Step 3/3. Access resources
At this point, you have configured the Teleport Kubernetes Service to give your
Teleport user access to the webapp
pod in the production
namespace. In this
step, we will authenticate to your Kubernetes cluster via Teleport and test our
new access controls.
List the Kubernetes clusters you can access via Teleport:
$ tsh kube ls
You should see the minikube
cluster you registered earlier:
Kube Cluster Name Labels Selected
----------------- ------------------------------ --------
minikube platform=minikube region=local
To access your Kubernetes cluster via Teleport, authenticate to it and update your kubeconfig:
$ tsh kube login minikube
When listing pods in all namespaces, the Teleport Kubernetes Service will filter the pods it retrieves to show only those that your Teleport user can access. Run the following command:
$ kubectl get pods --all-namespaces
The output will show the webapp
pod in the production
namespace and both the
webapp
and loadbalancer
pods in the development
namespace:
NAMESPACE NAME READY STATUS RESTARTS AGE
development loadbalancer-000000000-00000 1/1 Running 0 36m
development webapp-0000000000-00000 1/1 Running 0 36m
production webapp-0000000000-00000 1/1 Running 0 36m
You can access information about the webapp
pod in the production
namespace:
$ kubectl -n production get pods/webapp-0000000000-00000 -o json
Also note that the kube-access
role we created earlier mapped your Teleport
user to the developers
Kubernetes group, which has permissions only to view
pods:
$ kubectl auth can-i create pods
no
By configuring Teleport roles and Kubernetes RBAC resources, you can fine-tune the access that users in your organization have to your Kubernetes-based infrastructure.
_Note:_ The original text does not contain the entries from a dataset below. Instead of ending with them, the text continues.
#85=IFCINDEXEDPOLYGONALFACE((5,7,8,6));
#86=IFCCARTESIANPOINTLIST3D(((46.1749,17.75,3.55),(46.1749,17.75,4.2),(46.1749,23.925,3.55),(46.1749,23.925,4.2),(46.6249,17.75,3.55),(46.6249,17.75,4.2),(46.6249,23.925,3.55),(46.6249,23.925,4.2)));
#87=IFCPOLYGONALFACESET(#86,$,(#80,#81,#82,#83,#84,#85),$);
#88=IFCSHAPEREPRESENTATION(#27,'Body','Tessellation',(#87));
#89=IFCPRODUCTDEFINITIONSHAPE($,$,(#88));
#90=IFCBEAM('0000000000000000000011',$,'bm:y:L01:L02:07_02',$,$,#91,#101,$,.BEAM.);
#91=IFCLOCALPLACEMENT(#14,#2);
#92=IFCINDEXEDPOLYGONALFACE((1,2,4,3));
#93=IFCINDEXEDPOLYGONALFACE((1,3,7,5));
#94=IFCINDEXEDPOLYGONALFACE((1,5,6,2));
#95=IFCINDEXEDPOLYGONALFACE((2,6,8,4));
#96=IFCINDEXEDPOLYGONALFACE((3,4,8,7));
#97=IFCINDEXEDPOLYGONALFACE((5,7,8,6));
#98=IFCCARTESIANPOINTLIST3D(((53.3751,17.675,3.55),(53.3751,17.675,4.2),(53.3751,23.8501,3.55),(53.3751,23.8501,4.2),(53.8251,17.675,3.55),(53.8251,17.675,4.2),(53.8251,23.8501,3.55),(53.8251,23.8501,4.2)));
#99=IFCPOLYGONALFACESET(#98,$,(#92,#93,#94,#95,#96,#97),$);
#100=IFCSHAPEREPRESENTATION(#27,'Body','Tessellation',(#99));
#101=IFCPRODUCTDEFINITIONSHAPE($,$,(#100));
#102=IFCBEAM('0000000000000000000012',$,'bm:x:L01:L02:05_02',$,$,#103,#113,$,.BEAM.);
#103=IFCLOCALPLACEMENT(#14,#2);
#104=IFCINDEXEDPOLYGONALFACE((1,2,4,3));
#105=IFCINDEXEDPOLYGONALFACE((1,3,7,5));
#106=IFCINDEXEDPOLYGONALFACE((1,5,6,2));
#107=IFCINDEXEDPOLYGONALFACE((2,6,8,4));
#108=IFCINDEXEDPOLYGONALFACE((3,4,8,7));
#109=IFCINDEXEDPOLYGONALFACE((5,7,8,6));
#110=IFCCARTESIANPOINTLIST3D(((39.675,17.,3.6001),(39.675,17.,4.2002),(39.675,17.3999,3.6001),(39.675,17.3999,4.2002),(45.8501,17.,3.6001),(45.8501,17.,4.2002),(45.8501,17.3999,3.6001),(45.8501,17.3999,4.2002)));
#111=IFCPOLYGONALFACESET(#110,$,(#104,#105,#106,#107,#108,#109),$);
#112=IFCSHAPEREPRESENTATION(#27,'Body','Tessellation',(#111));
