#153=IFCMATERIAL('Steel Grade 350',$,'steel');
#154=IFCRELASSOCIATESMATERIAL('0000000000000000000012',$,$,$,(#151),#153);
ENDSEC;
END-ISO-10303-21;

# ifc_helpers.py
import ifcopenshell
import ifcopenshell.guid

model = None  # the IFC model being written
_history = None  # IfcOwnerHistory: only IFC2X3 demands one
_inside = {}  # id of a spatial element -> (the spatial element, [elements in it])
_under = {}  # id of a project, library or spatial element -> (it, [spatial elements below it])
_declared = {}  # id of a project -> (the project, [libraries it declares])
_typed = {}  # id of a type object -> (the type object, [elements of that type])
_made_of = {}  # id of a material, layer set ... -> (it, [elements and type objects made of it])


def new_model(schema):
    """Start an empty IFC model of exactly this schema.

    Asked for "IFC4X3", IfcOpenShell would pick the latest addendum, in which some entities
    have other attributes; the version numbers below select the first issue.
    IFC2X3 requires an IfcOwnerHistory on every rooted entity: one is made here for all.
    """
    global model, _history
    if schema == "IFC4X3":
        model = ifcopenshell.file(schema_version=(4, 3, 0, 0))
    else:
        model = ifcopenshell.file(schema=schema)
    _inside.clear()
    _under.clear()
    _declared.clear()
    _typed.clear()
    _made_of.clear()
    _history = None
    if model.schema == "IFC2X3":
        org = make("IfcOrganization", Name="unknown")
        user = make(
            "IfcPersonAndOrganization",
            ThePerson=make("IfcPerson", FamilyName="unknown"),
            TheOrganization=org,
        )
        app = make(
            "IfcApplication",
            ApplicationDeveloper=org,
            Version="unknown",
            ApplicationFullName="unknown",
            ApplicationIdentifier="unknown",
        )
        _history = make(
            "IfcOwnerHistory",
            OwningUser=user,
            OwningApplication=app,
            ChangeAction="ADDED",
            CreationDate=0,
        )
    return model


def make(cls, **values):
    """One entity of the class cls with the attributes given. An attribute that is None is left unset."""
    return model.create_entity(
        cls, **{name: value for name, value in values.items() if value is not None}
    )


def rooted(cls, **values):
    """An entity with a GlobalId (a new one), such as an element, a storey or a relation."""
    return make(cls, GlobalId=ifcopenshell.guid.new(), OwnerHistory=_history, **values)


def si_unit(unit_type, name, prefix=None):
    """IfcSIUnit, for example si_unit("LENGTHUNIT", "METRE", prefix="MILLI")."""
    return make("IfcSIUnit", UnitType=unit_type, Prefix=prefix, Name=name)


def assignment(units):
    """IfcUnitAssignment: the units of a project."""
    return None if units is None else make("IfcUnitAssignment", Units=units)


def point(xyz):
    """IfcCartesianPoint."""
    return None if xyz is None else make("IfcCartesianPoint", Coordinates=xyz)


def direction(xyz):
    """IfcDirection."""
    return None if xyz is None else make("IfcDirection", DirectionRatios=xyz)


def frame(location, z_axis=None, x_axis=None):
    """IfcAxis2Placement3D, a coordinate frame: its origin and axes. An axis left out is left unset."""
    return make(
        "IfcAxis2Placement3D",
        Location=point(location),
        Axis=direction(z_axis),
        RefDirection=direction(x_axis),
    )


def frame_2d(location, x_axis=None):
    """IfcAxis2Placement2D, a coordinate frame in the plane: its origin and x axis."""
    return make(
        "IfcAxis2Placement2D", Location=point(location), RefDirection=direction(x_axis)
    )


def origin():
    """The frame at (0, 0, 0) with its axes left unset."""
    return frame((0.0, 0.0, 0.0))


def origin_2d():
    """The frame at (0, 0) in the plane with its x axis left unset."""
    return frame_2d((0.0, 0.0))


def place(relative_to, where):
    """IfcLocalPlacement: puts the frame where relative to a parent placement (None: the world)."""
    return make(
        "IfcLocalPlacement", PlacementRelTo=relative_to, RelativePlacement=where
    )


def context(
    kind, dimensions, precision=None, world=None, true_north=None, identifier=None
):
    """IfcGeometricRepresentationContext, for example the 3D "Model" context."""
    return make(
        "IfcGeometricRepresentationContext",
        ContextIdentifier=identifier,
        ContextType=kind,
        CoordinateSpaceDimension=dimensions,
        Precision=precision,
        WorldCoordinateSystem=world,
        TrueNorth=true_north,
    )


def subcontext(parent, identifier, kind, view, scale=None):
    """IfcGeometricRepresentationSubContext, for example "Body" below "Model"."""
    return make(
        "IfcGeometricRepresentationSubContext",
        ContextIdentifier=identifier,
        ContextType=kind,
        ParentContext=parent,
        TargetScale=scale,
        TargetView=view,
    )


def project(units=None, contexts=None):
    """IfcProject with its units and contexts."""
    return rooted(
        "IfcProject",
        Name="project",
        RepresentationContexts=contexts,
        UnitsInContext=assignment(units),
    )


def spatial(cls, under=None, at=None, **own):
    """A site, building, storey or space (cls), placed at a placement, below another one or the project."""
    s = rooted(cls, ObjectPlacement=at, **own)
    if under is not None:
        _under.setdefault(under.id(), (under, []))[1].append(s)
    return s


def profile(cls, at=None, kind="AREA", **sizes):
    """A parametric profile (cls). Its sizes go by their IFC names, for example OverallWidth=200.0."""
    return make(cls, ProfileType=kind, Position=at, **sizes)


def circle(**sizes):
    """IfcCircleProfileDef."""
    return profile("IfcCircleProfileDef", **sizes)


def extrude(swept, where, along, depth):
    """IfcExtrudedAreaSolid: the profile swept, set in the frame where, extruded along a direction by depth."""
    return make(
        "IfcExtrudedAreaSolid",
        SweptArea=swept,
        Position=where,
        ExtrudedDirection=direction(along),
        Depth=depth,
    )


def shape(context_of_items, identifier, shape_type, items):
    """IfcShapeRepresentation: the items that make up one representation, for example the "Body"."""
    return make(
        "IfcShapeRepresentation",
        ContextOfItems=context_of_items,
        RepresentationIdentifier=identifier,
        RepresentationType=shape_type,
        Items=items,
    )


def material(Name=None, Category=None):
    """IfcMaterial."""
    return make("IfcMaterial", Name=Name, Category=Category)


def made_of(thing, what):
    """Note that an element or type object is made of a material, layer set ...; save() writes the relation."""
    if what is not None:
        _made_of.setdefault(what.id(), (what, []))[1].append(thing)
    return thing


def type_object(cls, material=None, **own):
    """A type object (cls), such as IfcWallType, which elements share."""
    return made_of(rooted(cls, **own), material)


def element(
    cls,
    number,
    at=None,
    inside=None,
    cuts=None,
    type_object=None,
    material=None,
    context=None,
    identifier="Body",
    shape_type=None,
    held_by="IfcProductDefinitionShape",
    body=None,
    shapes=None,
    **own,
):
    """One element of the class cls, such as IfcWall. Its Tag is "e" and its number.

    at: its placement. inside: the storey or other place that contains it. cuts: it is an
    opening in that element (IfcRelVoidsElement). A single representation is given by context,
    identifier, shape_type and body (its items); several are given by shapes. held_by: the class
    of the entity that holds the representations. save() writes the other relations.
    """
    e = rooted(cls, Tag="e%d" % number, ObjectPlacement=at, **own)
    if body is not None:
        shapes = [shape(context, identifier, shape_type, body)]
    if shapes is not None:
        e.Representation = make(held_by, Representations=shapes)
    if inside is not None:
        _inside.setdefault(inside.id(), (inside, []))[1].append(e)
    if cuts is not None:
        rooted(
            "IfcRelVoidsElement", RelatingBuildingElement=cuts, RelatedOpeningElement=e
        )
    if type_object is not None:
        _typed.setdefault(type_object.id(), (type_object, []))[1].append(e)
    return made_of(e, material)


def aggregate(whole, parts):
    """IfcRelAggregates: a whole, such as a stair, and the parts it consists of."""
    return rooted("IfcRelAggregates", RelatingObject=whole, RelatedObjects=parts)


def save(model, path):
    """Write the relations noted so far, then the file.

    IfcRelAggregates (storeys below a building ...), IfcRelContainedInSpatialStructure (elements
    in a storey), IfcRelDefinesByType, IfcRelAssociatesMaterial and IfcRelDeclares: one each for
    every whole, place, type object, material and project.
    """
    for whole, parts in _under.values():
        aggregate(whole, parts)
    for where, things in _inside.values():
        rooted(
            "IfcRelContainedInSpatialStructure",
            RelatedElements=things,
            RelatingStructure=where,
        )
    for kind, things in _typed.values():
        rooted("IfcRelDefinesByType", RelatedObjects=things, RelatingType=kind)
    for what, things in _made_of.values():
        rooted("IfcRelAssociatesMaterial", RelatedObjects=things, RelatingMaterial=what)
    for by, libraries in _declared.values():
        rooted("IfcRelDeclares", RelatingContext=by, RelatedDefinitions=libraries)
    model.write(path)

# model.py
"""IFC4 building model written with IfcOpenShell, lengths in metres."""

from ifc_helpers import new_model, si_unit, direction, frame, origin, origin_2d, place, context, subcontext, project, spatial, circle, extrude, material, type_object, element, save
When you authenticated to your minikube
cluster via tsh kube login
, Teleport
generated a kubeconfig that connects to your cluster via Teleport:
$ kubectl config current-context
teleport.example.com-minikube
If you want to regain full control of your minikube
cluster, you can use the
default minikube
context instead:
$ kubectl config use-context minikube
Next steps
For more detailed information on how Teleport RBAC for Kubernetes works, consult
the Kubernetes Access Controls Guide. You can leave your
minikube
cluster running so you can try out different Teleport and Kubernetes
RBAC configurations.
Now that you know how to configure Teleport's RBAC system to control access to Kubernetes clusters, learn how to set up Resource Access Requests for just-in-time access and Access Request plugins so you can manage access with your communication workflow of choice.